[Doc-SIG] formalizing StructuredText

Tony J Ibbs (Tibs) tony@lsl.co.uk
Fri, 23 Mar 2001 10:34:29 -0000

Edward D. Loper wrote:
> > No, within lines spaces are (very carefully) left untouched, just in
> > case.
> That seems inconsistant with stripping trailing whitespace.>

Actually, I agree, although I hadn't thought of it until you said so

> I want
> to make sure that things look "the same" whether you view them in
> text or in html.. So it seems like if you print out a STpy string
> in vt100 mode, with a 130-character-wide screen, it should collapse
> spaces & re-word-wrap, just like HTML/LaTeX would..  Of course, you
> could say that that's just a presentation issue.. But I think that
> for consistancy, we should either:
>     1. Preserve spaces within lines *and* trailing whitespace.
>        Specify that display tools (even plaintext ones) should treat
>        spaces as soft, and should word-wrap.

I remember when most tools would show trailing whitespace visibly. Those
days appear to have gone a long time ago. I'd oppose retaining trailing

>     2. Remove leading/trailing whitespace, and collapse sequences
>        of spaces to single spaces.  Specify that display tools
>        should word-wrap.  (of course, you don't colapse spaces in
>        literal regions, inline regions, literal blocks, or python
>        test blocks.)

Word wrapping is a presentation issue - if the renderer is generating
etext, or STNG, then it may make sense to *not* word wrap.

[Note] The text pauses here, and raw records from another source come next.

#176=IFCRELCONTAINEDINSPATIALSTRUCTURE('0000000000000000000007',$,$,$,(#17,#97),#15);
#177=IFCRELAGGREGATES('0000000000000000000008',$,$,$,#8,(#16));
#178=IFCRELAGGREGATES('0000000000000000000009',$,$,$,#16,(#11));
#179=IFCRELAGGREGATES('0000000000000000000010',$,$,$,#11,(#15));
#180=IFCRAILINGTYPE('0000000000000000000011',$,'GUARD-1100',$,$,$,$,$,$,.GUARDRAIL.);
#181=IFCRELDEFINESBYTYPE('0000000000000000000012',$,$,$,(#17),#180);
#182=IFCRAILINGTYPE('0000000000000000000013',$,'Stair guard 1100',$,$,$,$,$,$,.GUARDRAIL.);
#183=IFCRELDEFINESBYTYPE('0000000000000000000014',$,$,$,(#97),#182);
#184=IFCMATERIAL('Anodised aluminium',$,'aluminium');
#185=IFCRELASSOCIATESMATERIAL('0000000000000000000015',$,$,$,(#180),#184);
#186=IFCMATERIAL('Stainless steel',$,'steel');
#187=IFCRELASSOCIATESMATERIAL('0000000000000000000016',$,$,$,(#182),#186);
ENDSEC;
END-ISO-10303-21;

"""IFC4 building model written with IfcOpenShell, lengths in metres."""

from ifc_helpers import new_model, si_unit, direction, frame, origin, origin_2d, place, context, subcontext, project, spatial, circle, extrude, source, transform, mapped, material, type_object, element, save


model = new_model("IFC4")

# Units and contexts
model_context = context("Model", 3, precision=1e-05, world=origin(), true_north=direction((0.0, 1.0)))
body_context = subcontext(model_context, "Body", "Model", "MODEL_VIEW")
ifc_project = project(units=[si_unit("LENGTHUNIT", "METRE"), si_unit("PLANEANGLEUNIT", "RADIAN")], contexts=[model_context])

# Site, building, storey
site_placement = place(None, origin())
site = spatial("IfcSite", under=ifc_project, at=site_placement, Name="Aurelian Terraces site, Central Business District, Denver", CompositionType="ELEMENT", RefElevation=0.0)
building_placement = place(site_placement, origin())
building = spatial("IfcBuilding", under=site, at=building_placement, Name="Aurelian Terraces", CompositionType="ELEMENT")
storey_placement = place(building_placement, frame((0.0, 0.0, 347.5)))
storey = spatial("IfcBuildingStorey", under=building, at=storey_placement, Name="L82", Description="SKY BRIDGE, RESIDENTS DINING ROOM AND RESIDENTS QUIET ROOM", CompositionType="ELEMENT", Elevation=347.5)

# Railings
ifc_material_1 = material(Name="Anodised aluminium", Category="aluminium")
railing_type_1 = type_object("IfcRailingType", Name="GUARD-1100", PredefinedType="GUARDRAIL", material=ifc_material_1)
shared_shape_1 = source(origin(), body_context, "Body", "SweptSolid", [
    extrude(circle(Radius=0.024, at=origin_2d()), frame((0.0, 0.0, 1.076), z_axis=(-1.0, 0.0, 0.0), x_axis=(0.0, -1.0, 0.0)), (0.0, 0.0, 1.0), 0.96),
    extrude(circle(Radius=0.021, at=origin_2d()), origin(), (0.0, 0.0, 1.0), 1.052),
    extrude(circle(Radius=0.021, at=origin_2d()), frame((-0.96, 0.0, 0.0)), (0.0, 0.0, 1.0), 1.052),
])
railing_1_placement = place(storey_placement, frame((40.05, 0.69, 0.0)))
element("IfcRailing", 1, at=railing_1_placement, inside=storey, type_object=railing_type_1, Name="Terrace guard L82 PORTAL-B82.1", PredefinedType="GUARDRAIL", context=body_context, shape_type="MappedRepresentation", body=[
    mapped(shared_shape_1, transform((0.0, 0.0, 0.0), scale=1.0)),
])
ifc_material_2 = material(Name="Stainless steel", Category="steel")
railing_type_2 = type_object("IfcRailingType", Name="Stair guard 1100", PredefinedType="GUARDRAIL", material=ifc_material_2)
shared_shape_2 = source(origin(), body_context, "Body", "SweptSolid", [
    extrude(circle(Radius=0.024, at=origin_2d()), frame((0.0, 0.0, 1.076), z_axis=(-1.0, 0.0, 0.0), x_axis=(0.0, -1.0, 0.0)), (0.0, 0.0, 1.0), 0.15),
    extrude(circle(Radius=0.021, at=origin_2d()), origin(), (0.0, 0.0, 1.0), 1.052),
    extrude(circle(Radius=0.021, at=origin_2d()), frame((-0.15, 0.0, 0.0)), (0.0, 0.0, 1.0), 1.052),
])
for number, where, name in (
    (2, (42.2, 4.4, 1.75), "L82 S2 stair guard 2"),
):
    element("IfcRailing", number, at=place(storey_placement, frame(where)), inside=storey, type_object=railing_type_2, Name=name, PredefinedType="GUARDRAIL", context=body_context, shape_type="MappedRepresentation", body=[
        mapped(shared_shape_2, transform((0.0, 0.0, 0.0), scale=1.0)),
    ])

> (unless, of course, you can give me a good reason why we *should*
> preserve sequences of spaces.

No. It's only laziness. So far as I can see, it doesn't actually make
any different in any circumstance I can see, so there's no point in my
bothering to remove the spaces internally - I don't care about them,
whereas I *have* to care about leading spaces, and I remove trailing
spaces out of kindness (so that '::' works better, for instance - it
doesn't suffer from the "oh dear, that backslash didn't continue my
Python line because there's an invisible space after it" problem).

> > > > > > >     "the following is not a url":<hi>
> > > >
> > > > That's right. In this instance.
> > >
> > > So does it get rendered as is (i.e., with two quote
> signs, one colon
> > > sign, a less than sign, and a greater than sign)?
> >
> > That's up to the renderer.
> But "<hi>" doesn't match the url pattern, so presumably it doesn't
> even get detected by the href-finding-regexp?  As I understand it,
> you can say::

Sorry - I slipped into "if <hi> were a meta-rendition of a URL" mode.
You're right, it would be stored "as is".

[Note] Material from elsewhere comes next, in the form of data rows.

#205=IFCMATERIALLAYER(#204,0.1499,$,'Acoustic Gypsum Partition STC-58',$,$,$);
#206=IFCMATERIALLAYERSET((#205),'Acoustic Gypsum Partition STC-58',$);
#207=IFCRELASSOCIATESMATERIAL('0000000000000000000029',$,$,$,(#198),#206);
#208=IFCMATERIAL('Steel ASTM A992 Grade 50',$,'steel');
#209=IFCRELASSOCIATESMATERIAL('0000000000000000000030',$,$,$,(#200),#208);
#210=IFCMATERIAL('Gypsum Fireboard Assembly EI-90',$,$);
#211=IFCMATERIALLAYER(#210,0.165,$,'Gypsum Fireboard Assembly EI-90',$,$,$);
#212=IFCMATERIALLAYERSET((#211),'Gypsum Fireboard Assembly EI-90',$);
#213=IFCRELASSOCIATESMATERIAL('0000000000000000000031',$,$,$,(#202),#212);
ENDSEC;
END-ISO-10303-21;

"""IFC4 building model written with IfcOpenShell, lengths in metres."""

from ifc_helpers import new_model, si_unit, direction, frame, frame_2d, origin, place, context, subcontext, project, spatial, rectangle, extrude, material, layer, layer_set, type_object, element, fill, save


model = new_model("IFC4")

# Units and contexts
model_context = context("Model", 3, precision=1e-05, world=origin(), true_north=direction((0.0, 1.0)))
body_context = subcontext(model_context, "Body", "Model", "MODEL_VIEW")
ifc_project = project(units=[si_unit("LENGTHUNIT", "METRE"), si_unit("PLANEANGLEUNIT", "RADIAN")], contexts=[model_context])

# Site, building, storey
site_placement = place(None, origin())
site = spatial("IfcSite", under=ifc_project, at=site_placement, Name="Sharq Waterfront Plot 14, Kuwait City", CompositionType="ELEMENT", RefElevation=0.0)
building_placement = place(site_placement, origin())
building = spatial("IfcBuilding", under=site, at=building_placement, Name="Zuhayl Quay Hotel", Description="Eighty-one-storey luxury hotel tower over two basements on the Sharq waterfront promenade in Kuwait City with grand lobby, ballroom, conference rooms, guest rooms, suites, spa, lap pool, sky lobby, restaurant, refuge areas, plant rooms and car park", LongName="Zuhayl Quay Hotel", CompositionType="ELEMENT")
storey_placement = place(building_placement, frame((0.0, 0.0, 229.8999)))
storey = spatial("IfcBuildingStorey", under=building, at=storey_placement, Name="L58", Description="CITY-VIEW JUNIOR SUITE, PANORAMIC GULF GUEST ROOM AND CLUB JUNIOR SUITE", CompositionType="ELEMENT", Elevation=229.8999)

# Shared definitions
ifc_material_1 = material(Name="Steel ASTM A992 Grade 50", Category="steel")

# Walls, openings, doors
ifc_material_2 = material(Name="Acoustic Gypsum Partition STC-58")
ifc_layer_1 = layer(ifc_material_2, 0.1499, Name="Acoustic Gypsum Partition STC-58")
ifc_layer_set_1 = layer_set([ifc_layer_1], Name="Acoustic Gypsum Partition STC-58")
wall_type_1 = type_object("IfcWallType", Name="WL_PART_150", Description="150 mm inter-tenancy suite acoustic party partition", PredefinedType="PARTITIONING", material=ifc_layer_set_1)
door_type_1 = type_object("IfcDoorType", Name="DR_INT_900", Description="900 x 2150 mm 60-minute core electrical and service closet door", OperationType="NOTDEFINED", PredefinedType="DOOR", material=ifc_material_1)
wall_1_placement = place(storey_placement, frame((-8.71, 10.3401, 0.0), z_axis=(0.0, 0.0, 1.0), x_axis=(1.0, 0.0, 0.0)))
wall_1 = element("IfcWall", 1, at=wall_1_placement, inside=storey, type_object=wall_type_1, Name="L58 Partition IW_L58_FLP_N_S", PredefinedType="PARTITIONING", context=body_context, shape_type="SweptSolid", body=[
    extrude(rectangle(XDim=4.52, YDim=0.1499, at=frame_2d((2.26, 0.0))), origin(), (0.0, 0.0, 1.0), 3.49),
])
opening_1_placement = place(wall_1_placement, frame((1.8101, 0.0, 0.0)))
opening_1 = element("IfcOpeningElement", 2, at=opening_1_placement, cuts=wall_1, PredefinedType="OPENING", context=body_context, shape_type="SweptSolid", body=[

> > >   2. nothing can nest within itself (even with intervening levels)
> >
> > Pragmatically has to be true, with non-differentiated start and end
> > quotes.
> It doesn't *have* to be true.. In principle we could allow::
>   *This **is *no* good** for me*

I suppose so, for one definition of how one would parse it (he said

> But I don't think we should.

Luckily we agree!

> > These two seem to me to be the sane minimum, and thus sensible.
> So we'll stick with that for now.
> > > Also, spaces must come between * and ** delimiters, so you
> > > can't say ***this***.
> >
> > Ah, but there's no reason you shouldn't be able to *say
> **this***, for
> > instance (it's quite unambiguous).
> But I thought that regions had to be ended by valid punctuation or
> space?  Does '*' count as valid punctuation, then?  (Of course,
> I expect your regexps to change signifigantly when you try to do
> nesting...)

Hmm. Well, it works:

	text: **SS*ee*** --> rendering <strong>SS*ee*</strong>


> But from a more abstract point of view, I think that '***' will end
> up being too confusing.  I don't think it's unreasonable to require
> that people *say **this** *.  At the very least, it seems much
> easier to read (for those who aren't intimately familiar with ST,
> i.e., our entire user base :) )

But I've already noted you have a cavalier attitude to extra spaces
(pace your HTML) - and I'm not convinced on the "easier to read". Ho

> But I guess that if we are to allow it, I think '***' should only
> be allowed to mean "close both strong and emph" or "open both
> strong and emph".. So you shouldn't be able to say::
>   *Too***confusing**

I just tried it - docutils does:

	text: *ee***SS** --> <em>ee***SS*</em>

which seems reasonable enough.

> to mean::
>   *Too* **confusing**

The latter is clearer, certainly!

> But just to be clear, I don't think we should allow it at all. :)

I *think* it will all come out in the wash, myself.


Tony J Ibbs (Tibs)      http://www.tibsnjoan.co.uk/
Well we're safe now....thank God we're in a bowling alley.
- Big Bob (J.T. Walsh) in "Pleasantville"
My views! Mine! Mine! (Unless Laser-Scan ask nicely to borrow them.)